### Update : 
#### Added audio widget to physically analyse the changes

# 🦉 Cornell Birdcall Identification:
![](https://imgc.artprintimages.com/img/print/a-tawny-frogmouth-owl-podargus-strigoides-at-the-fort-worth-zoo_u-l-pncfu00.jpg?h=550&p=0&w=550&background=fbfbfb)

# Introduction:
### This notebook aims at analysing various transformations and important functions that can be used to encode/transform audio data

In [None]:
import torch
import torchaudio
import matplotlib.pyplot as plt
import numpy as np
import pandas as pd

import librosa
import librosa.display

import IPython.display as ipd

## Picking up a random Audiofile for all the operatons moving forward

In [None]:
# filename = "../input/birdsong-recognition/train_audio/nutwoo/XC462016.mp3"
filename = '../input/birdsong-recognition/train_audio/balori/XC101614.mp3'

waveform, sample_rate = torchaudio.load(filename)

print("Shape of waveform {}".format(waveform.size()))
print("Sample rate of wavefor {}".format(sample_rate))

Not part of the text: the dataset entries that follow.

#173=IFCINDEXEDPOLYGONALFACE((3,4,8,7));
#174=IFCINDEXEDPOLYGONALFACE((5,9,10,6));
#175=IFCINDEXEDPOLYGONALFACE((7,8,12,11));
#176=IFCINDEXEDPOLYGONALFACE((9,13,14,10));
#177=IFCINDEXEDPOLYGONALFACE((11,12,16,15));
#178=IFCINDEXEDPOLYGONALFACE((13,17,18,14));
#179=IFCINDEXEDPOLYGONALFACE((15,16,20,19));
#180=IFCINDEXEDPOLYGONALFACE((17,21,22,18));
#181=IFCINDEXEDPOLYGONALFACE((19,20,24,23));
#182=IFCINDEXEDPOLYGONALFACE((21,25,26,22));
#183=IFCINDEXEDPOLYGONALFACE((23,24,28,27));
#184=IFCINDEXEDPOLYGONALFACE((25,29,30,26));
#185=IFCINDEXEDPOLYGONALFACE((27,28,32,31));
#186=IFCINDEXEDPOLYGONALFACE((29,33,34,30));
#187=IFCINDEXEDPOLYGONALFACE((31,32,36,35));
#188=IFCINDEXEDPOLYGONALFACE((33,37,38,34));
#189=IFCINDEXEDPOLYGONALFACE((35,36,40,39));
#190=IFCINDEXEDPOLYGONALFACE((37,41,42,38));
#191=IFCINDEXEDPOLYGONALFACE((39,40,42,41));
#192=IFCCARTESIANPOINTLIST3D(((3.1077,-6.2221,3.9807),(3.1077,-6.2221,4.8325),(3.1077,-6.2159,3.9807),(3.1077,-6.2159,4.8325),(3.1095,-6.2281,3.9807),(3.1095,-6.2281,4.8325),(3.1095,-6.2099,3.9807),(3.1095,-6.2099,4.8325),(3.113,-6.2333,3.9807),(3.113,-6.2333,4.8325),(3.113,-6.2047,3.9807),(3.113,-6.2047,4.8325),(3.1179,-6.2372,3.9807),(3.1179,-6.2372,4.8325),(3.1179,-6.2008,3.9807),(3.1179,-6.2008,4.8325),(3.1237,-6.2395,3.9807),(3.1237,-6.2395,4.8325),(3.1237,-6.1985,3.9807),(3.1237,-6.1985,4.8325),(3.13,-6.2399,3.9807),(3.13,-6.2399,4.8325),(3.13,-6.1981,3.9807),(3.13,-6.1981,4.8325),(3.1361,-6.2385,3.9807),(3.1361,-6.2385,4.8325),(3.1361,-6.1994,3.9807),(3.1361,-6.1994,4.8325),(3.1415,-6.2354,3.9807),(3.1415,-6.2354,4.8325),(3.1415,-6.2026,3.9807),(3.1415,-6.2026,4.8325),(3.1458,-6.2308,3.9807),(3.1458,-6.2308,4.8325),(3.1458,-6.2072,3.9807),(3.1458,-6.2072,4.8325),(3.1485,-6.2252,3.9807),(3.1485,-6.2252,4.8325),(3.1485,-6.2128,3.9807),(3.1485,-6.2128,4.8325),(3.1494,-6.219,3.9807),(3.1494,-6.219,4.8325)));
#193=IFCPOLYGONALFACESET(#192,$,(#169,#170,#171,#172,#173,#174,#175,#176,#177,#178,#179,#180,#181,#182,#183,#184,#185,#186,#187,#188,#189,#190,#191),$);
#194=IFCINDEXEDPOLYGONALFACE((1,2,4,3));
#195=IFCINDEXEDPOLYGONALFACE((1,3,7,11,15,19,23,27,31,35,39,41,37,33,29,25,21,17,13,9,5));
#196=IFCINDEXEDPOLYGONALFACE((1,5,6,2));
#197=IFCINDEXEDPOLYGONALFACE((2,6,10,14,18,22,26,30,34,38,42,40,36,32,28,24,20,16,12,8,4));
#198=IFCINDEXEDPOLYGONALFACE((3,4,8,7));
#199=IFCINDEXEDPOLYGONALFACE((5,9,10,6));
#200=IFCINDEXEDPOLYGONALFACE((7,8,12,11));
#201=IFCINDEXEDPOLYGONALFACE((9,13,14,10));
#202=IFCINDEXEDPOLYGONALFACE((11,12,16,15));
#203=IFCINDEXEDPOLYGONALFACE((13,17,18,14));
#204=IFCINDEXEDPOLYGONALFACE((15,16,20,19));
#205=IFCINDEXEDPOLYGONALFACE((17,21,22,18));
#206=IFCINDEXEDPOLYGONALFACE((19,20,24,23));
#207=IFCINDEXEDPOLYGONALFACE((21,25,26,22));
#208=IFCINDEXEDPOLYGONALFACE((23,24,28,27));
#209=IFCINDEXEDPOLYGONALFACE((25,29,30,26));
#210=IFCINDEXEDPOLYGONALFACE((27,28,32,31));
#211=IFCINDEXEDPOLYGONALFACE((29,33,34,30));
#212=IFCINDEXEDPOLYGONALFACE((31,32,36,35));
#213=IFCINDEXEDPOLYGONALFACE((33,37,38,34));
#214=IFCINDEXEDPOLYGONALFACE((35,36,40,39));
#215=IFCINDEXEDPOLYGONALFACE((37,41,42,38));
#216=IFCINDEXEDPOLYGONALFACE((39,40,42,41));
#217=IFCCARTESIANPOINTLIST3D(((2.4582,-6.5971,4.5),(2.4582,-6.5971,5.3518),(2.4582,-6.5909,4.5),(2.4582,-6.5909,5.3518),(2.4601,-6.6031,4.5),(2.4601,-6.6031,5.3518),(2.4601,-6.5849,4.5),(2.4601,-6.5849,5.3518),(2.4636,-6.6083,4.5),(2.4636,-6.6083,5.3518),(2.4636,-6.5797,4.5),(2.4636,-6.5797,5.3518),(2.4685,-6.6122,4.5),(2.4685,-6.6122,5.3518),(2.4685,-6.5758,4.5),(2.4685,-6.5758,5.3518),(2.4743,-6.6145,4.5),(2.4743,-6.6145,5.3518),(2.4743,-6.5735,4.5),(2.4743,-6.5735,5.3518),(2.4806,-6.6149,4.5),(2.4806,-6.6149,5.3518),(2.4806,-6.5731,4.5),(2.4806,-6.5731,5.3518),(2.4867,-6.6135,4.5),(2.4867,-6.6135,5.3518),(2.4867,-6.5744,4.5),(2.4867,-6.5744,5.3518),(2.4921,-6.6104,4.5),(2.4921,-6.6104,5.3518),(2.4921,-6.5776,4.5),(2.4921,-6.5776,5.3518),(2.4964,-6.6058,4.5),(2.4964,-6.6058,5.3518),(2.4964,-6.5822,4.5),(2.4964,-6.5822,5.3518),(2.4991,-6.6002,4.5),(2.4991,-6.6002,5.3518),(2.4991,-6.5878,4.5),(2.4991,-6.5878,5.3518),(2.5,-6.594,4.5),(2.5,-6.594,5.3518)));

plt.figure(figsize=(14,5))
plt.plot(waveform.t()) # transpose


## Original Audio:

In [None]:
ipd.Audio(waveform, rate=sample_rate)

# Transformations:
## ***torchaudio.transforms***
### Torchaudio supports the [following](https://pytorch.org/audio/transforms.html) transformations. We will be looking at some of them here.

## Transformation : Log of spectrogram on log scale

In [None]:
specgram = torchaudio.transforms.Spectrogram()(waveform)

print("Shape of Spectrogram {}".format(specgram.size()))

plt.figure(figsize=(14,5))
plt.imshow(specgram.log2()[0,:,:1200].numpy(), cmap='gray')

## Transformation : MelSpectrogram on log scale

In [None]:
specgram = torchaudio.transforms.MelSpectrogram()(waveform)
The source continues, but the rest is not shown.